Turns out she was at Dundana one year ahead of me!

And the strangest thing happened.

I got worried. I wondered if she’d contest my version of events and call me over sensitive or something, but no, quite the opposite! When I told her the bullies’ last names her eyes went wide and she said, “Oh yes. They really were awful!”

And then she told me about an incident she’d witnessed and I could breathe easier.

And I wondered why I’d suddenly panicked like that. I’ve been thinking of it since and the conclusion I’ve come to is that when a person has been victimized, they live in fear that people will tell them it’s all in their head. That things weren’t the way they remembered them. And it made me see interviews I’d seen on television where people had confronted the people who’d abused them and their perception had been completely dismissed.

It was a real moment of enlightenment for me. I saw things very clearly.

And then just yesterday I had a fascinating conversation with another artist about the literacy of today’s kids and he said something that suddenly clicked in my head.

Quite frankly I’ve been feeling like an old fogey recently. Like maybe I’m not in sinc with the times. It appalls me that kids don’t have very good vocabulary or grammar any more.

But this artist spoke of a professor he’d had a long time ago who’d said quite the opposite. He said that no, today’s generation has evolved language to include all kinds of short cuts and emojis, that they’re still expressing deep thoughts they just do it differently.

That seems to be the nature of English. That it’s always evolving! And it was literally like a light bulb went on for me.

It gave me a lot of hope.

It was a small adjustment on my part in terms of attitude, but a huge leap in terms of perspective.

And it makes sense now to me, why I can interact so easily with today’s youth verbally, but my writing needs a bit of a personal touch to engage them.

Once they’ve heard me, they want to read it, but my books might not be picked up on their own.

That’s something I still need to work on.

And so I’m taking some courses right now, honing my skills, and part of that means clarifying my vision of what exactly I want to accomplish with my work.

One of the assignments asked me, if I could sum up my vision in one sentence, what would it be?

This isn’t about each individual story or project. This is about what I would say to humanity through the sum of my endeavors.

At first I came up with something very lame. I even knew it was lame, so I discarded it and went deeper. And I think I know what that one statement would be.

It’s: “With eloquence and the right angle of approach, you can get people to believe almost anything.”

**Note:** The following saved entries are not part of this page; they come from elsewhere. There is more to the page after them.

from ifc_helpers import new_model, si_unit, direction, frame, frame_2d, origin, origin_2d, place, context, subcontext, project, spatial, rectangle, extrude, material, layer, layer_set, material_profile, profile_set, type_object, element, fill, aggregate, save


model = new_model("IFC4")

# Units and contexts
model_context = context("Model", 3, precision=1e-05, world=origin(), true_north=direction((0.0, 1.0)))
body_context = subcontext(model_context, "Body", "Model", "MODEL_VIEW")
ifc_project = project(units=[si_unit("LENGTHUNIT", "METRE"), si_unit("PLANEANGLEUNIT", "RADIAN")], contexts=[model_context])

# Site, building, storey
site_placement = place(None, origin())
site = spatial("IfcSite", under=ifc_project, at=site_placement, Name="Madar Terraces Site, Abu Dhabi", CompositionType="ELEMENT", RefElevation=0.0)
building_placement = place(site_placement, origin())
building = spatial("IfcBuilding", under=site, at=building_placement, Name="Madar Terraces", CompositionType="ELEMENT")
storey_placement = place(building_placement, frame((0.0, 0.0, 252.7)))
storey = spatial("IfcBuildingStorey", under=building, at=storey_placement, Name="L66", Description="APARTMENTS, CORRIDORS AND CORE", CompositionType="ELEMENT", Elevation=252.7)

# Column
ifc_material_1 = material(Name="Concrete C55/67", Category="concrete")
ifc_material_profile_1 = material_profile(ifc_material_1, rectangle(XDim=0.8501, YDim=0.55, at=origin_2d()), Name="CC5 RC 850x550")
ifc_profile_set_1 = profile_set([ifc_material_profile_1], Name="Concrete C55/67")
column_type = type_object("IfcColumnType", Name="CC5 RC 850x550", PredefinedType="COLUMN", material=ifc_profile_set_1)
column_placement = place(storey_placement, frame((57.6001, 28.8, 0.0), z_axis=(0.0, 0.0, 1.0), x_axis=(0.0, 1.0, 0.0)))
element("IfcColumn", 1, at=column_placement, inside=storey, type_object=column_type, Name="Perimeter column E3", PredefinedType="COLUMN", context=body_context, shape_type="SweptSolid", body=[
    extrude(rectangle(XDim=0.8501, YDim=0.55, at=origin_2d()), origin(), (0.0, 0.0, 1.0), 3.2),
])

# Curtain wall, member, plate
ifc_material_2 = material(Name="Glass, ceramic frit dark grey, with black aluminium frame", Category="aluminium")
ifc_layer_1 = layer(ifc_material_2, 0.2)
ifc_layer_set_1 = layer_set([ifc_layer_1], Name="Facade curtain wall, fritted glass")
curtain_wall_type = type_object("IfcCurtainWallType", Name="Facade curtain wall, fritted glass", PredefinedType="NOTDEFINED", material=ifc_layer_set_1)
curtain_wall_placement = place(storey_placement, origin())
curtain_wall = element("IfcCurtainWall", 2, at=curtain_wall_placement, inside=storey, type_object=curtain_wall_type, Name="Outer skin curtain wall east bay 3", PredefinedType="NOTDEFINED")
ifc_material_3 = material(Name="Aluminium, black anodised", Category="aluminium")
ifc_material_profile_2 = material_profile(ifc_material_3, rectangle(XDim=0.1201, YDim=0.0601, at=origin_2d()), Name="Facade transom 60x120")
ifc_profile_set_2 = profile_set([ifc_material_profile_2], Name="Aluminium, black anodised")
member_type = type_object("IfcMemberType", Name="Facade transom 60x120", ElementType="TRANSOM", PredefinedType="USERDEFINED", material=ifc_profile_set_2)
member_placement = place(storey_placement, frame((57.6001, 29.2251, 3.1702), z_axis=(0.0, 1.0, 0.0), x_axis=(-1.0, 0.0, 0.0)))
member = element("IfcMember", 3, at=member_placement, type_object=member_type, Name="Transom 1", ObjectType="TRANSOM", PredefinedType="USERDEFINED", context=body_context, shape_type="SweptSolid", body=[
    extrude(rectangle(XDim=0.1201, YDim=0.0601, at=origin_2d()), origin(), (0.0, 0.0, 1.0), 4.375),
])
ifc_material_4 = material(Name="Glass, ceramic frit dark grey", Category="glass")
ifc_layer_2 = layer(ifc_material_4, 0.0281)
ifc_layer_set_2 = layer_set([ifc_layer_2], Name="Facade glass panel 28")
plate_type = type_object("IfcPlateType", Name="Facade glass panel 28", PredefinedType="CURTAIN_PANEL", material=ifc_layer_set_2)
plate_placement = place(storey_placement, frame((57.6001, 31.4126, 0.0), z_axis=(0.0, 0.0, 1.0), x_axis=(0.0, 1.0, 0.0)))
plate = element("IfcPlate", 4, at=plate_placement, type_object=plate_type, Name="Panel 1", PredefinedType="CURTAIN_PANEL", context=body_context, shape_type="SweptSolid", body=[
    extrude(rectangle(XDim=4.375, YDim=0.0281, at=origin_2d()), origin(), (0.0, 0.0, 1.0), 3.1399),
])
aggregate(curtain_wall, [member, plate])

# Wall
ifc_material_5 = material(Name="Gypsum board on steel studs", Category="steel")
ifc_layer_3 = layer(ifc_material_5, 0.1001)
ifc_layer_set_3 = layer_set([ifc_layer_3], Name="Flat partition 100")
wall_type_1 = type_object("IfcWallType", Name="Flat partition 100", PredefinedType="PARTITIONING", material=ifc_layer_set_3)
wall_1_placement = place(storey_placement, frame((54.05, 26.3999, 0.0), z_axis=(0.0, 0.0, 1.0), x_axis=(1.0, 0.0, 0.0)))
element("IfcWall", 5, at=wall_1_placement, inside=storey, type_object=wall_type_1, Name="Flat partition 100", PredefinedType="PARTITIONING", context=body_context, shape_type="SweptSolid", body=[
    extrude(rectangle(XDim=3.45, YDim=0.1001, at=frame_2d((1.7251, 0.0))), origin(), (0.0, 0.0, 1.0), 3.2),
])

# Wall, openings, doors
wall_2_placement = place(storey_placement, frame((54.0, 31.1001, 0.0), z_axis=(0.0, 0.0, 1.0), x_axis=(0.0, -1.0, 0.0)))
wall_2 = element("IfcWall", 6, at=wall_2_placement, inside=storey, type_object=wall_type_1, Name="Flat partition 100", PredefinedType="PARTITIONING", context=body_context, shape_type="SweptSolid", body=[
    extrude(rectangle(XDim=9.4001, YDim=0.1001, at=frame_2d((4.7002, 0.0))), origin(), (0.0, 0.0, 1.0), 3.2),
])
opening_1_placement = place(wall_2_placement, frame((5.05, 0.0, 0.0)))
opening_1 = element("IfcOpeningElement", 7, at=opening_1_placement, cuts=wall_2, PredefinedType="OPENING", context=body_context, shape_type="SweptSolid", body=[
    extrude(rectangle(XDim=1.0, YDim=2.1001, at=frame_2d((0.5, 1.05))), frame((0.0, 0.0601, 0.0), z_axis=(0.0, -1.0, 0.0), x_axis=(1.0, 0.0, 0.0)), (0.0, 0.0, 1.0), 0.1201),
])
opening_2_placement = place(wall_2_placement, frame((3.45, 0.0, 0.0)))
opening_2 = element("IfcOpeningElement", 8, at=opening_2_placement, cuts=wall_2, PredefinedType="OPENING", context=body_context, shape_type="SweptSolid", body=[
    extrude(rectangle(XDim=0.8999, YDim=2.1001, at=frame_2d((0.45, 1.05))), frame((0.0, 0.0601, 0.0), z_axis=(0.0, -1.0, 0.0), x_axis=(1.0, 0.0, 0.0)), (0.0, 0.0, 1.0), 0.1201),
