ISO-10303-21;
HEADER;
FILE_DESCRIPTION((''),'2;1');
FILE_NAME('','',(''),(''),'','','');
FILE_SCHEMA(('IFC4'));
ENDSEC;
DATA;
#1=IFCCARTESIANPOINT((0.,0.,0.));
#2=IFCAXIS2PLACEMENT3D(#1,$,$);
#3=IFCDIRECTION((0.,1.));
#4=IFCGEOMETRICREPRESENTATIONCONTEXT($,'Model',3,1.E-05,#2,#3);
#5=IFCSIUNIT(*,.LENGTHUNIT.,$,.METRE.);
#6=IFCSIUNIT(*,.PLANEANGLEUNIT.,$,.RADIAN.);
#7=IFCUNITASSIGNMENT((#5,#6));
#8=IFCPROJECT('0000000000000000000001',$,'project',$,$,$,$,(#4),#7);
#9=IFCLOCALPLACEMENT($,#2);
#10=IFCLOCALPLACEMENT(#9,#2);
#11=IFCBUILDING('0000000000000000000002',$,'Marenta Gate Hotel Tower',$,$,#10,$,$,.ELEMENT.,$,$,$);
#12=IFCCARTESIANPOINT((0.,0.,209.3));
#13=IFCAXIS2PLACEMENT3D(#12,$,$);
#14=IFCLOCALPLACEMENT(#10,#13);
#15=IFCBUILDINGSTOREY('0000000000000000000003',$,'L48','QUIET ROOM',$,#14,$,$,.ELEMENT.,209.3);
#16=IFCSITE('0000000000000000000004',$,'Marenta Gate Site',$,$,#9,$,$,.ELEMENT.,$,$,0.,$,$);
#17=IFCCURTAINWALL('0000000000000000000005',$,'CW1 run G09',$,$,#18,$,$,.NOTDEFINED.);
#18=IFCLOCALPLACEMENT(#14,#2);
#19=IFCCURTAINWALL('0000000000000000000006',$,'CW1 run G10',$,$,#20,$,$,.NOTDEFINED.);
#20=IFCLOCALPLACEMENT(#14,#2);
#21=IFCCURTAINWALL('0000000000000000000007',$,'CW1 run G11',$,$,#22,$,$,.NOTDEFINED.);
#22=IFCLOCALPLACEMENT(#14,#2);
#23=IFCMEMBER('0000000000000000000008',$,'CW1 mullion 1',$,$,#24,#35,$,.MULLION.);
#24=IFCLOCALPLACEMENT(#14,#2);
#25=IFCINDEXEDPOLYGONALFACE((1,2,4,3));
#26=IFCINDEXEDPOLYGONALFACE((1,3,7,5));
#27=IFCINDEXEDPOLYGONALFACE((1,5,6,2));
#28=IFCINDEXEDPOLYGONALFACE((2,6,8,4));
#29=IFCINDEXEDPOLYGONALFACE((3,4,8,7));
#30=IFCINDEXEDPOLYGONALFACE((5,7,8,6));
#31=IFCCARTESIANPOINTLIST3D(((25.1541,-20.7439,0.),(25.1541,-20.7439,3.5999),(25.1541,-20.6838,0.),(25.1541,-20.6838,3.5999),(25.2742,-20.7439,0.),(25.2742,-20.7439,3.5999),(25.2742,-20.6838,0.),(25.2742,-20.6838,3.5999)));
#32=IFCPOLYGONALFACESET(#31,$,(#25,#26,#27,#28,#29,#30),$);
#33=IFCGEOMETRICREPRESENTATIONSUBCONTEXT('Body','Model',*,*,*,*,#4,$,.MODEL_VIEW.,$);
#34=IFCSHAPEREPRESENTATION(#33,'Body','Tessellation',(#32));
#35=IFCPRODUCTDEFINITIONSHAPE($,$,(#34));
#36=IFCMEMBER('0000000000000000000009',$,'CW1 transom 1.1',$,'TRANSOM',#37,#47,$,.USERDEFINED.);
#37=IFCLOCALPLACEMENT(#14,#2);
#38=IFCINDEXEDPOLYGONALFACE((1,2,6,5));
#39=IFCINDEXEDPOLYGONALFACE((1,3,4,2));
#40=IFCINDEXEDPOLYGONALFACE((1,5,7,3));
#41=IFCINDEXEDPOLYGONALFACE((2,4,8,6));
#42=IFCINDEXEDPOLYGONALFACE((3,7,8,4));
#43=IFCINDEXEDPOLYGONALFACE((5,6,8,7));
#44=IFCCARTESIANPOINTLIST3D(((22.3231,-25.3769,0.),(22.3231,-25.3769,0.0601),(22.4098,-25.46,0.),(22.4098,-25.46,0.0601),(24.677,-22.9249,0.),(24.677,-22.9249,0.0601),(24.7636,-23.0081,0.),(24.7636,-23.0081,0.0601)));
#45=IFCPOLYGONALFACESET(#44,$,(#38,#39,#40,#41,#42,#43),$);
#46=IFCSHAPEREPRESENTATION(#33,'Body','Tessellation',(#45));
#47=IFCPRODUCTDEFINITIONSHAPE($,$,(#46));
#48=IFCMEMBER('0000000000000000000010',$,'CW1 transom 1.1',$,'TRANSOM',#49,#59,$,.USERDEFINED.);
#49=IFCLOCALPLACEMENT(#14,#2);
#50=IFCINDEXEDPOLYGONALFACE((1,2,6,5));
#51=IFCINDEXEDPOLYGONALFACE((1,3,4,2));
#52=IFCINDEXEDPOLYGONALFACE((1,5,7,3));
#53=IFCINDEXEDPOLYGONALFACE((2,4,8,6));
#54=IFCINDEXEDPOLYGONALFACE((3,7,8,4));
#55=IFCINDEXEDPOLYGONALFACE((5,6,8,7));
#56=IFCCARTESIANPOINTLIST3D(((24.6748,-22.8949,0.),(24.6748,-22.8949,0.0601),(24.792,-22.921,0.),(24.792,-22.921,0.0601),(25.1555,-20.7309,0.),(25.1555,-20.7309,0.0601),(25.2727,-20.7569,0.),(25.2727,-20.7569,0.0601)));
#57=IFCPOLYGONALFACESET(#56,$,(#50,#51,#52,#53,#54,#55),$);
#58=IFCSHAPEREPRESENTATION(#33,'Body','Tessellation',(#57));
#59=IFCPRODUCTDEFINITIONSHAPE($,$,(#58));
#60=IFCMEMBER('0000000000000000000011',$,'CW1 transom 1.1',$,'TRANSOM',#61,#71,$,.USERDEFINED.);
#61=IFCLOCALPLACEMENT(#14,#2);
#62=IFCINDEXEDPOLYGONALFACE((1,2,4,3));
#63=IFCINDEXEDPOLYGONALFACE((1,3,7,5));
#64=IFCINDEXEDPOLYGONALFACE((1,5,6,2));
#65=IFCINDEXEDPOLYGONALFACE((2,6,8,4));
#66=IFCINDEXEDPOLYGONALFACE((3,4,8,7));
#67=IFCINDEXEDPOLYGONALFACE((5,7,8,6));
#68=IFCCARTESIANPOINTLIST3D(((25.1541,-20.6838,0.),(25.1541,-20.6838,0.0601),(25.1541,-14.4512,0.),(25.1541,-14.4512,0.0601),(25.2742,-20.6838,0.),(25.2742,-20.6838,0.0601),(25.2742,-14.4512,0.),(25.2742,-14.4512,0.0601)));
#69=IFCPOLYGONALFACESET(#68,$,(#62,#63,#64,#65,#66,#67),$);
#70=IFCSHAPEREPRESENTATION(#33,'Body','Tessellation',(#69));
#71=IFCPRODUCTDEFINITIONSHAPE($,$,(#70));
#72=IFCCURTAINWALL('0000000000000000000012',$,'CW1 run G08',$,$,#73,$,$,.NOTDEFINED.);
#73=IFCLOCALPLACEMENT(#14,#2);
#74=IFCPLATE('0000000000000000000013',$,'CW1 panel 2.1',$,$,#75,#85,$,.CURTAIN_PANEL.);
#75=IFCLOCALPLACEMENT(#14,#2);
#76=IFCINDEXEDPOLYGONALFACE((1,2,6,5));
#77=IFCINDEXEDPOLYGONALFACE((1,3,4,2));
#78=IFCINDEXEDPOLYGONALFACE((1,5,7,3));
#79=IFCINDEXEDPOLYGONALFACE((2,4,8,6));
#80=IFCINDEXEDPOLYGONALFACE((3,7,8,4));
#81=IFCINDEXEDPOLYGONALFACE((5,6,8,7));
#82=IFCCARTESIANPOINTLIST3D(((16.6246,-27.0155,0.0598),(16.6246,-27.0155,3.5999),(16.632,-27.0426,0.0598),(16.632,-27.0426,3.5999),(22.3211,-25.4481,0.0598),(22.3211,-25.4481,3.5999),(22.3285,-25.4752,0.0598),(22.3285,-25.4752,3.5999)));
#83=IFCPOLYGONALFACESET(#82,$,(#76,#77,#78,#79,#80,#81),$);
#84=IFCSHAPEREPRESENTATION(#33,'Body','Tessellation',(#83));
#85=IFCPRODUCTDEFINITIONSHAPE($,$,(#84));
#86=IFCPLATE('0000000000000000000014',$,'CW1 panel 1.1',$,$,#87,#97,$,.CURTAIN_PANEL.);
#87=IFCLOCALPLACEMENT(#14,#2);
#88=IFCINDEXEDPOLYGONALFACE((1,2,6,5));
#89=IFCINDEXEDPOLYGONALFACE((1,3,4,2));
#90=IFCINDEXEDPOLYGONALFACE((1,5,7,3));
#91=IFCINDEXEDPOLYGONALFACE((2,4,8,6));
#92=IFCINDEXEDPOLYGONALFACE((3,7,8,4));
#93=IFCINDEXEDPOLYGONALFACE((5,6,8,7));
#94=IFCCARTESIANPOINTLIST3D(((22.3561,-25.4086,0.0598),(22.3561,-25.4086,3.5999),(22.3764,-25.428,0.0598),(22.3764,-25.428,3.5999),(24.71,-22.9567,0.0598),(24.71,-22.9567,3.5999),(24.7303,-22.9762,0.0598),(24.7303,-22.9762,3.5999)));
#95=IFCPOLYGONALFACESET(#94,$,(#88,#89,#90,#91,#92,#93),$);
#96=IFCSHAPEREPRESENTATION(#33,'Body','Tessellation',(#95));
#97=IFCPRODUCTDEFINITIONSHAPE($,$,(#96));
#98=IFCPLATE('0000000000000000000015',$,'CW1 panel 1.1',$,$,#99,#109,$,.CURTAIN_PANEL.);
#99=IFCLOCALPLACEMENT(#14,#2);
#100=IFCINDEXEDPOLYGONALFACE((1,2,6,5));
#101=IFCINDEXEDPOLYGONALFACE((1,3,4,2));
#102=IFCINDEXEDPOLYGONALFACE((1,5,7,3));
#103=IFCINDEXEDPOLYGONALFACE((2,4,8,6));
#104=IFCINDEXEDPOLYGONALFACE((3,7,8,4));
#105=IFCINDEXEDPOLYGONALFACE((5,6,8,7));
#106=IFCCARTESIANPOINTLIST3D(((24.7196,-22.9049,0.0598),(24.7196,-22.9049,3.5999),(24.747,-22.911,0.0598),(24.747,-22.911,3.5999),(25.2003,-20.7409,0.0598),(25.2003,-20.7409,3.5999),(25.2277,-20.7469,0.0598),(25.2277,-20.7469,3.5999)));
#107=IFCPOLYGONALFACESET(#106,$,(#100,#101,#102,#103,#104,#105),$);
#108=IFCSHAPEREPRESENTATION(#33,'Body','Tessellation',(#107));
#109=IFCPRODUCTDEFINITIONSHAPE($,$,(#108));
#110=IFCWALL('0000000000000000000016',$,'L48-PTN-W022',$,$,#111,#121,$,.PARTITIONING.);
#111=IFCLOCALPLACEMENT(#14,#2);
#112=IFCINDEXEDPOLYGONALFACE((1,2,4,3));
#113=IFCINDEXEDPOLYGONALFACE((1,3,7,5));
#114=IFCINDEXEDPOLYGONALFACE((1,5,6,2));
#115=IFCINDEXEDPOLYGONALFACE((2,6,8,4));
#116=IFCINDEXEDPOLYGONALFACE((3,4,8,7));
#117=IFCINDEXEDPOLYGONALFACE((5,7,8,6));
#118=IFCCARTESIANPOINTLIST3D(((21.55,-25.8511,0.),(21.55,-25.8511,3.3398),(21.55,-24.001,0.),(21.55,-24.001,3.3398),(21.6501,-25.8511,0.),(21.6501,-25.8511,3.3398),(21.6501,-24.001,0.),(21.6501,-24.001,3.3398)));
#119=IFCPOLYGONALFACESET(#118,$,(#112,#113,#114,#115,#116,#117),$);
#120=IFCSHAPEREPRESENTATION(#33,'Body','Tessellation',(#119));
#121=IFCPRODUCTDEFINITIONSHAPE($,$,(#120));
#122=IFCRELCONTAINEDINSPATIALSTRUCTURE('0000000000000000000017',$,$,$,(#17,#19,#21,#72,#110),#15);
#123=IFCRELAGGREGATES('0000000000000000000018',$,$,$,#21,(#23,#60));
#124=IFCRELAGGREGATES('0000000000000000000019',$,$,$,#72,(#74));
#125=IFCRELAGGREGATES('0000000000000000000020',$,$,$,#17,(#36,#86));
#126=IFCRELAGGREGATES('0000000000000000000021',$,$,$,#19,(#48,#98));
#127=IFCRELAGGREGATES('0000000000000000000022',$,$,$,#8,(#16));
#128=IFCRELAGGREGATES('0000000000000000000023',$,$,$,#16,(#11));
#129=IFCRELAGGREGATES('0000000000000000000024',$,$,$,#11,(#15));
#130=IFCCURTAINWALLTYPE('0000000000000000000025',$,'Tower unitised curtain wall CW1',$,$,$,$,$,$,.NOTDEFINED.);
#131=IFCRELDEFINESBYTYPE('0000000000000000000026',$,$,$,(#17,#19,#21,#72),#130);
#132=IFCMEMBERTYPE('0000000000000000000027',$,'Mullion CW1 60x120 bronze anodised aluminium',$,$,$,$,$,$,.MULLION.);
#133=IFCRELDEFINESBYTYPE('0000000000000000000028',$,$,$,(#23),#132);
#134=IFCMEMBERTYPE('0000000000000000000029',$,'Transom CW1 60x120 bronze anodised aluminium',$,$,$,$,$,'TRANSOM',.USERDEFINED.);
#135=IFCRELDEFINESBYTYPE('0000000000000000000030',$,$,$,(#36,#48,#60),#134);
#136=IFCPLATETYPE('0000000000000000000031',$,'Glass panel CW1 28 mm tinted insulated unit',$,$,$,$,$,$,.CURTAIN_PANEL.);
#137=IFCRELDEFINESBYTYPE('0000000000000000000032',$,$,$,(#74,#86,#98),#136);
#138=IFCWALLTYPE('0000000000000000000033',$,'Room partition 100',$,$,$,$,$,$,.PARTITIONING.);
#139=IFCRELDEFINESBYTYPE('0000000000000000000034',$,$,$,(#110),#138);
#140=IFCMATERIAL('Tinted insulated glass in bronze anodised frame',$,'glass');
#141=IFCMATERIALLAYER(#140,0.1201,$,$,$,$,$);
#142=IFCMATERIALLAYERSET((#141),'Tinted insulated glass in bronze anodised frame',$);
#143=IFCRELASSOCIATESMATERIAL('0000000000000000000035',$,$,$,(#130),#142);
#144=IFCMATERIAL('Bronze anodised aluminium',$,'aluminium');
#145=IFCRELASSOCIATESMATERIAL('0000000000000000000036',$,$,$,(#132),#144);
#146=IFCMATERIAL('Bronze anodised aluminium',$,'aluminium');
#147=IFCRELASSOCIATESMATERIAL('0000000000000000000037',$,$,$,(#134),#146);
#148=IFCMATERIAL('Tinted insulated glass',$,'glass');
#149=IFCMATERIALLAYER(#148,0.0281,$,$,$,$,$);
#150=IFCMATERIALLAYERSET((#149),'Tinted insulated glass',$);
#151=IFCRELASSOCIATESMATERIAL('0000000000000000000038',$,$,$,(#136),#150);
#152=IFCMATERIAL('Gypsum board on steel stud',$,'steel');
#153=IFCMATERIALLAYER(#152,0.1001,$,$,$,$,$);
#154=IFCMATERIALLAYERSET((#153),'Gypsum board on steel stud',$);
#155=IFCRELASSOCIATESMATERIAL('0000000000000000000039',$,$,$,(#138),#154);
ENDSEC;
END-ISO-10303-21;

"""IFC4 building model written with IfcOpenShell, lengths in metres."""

from ifc_helpers import new_model, si_unit, direction, frame, frame_2d, origin, origin_2d, place, context, subcontext, project, spatial, rectangle, extrude, material, layer, layer_set, material_profile, profile_set, type_object, element, aggregate, save


model = new_model("IFC4")

# Units and contexts
model_context = context("Model", 3, precision=1e-05, world=origin(), true_north=direction((0.0, 1.0)))
body_context = subcontext(model_context, "Body", "Model", "MODEL_VIEW")
ifc_project = project(units=[si_unit("LENGTHUNIT", "METRE"), si_unit("PLANEANGLEUNIT", "RADIAN")], contexts=[model_context])

# Site, building, storey
site_placement = place(None, origin())
site = spatial("IfcSite", under=ifc_project, at=site_placement, Name="Marenta Gate Site", CompositionType="ELEMENT", RefElevation=0.0)
building_placement = place(site_placement, origin())
building = spatial("IfcBuilding", under=site, at=building_placement, Name="Marenta Gate Hotel Tower", CompositionType="ELEMENT")
storey_placement = place(building_placement, frame((0.0, 0.0, 209.3)))
storey = spatial("IfcBuildingStorey", under=building, at=storey_placement, Name="L48", Description="QUIET ROOM", CompositionType="ELEMENT", Elevation=209.3)

# Curtain walls, member
ifc_material_1 = material(Name="Tinted insulated glass in bronze anodised frame", Category="glass")
ifc_layer_1 = layer(ifc_material_1, 0.1201)
ifc_layer_set_1 = layer_set([ifc_layer_1], Name="Tinted insulated glass in bronze anodised frame")
curtain_wall_type = type_object("IfcCurtainWallType", Name="Tower unitised curtain wall CW1", PredefinedType="NOTDEFINED", material=ifc_layer_set_1)
curtain_wall_1_placement = place(storey_placement, origin())
curtain_wall_1 = element("IfcCurtainWall", 1, at=curtain_wall_1_placement, inside=storey, type_object=curtain_wall_type, Name="CW1 run G09", PredefinedType="NOTDEFINED")
ifc_material_2 = material(Name="Bronze anodised aluminium", Category="aluminium")
ifc_material_profile_1 = material_profile(ifc_material_2, rectangle(XDim=0.1201, YDim=0.0601, at=origin_2d()), Name="Mullion CW1 60x120 bronze anodised aluminium")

And then we were asked what single action we would want people to take after reading my book. This is what I wrote:

“Open your mind to different ways of thinking and always question  your assumptions.”

Just putting that into words like that has clarified a lot for me!

I highly recommend you do the same.

Dealing with Friction…

With any human interaction there is bound to be friction.

Meeting new people and dealing with them, not knowing exactly what their motivations are or where they’re coming from can be difficult.

And when they treat you with disdain, it’s very easy to over react.

And it’s so easy to attribute the harshest motivations to people.

The longer I’m in this business, the more people I have to deal with. For the most part it’s been a joy but once in a while you come across someone who rubs you the wrong way.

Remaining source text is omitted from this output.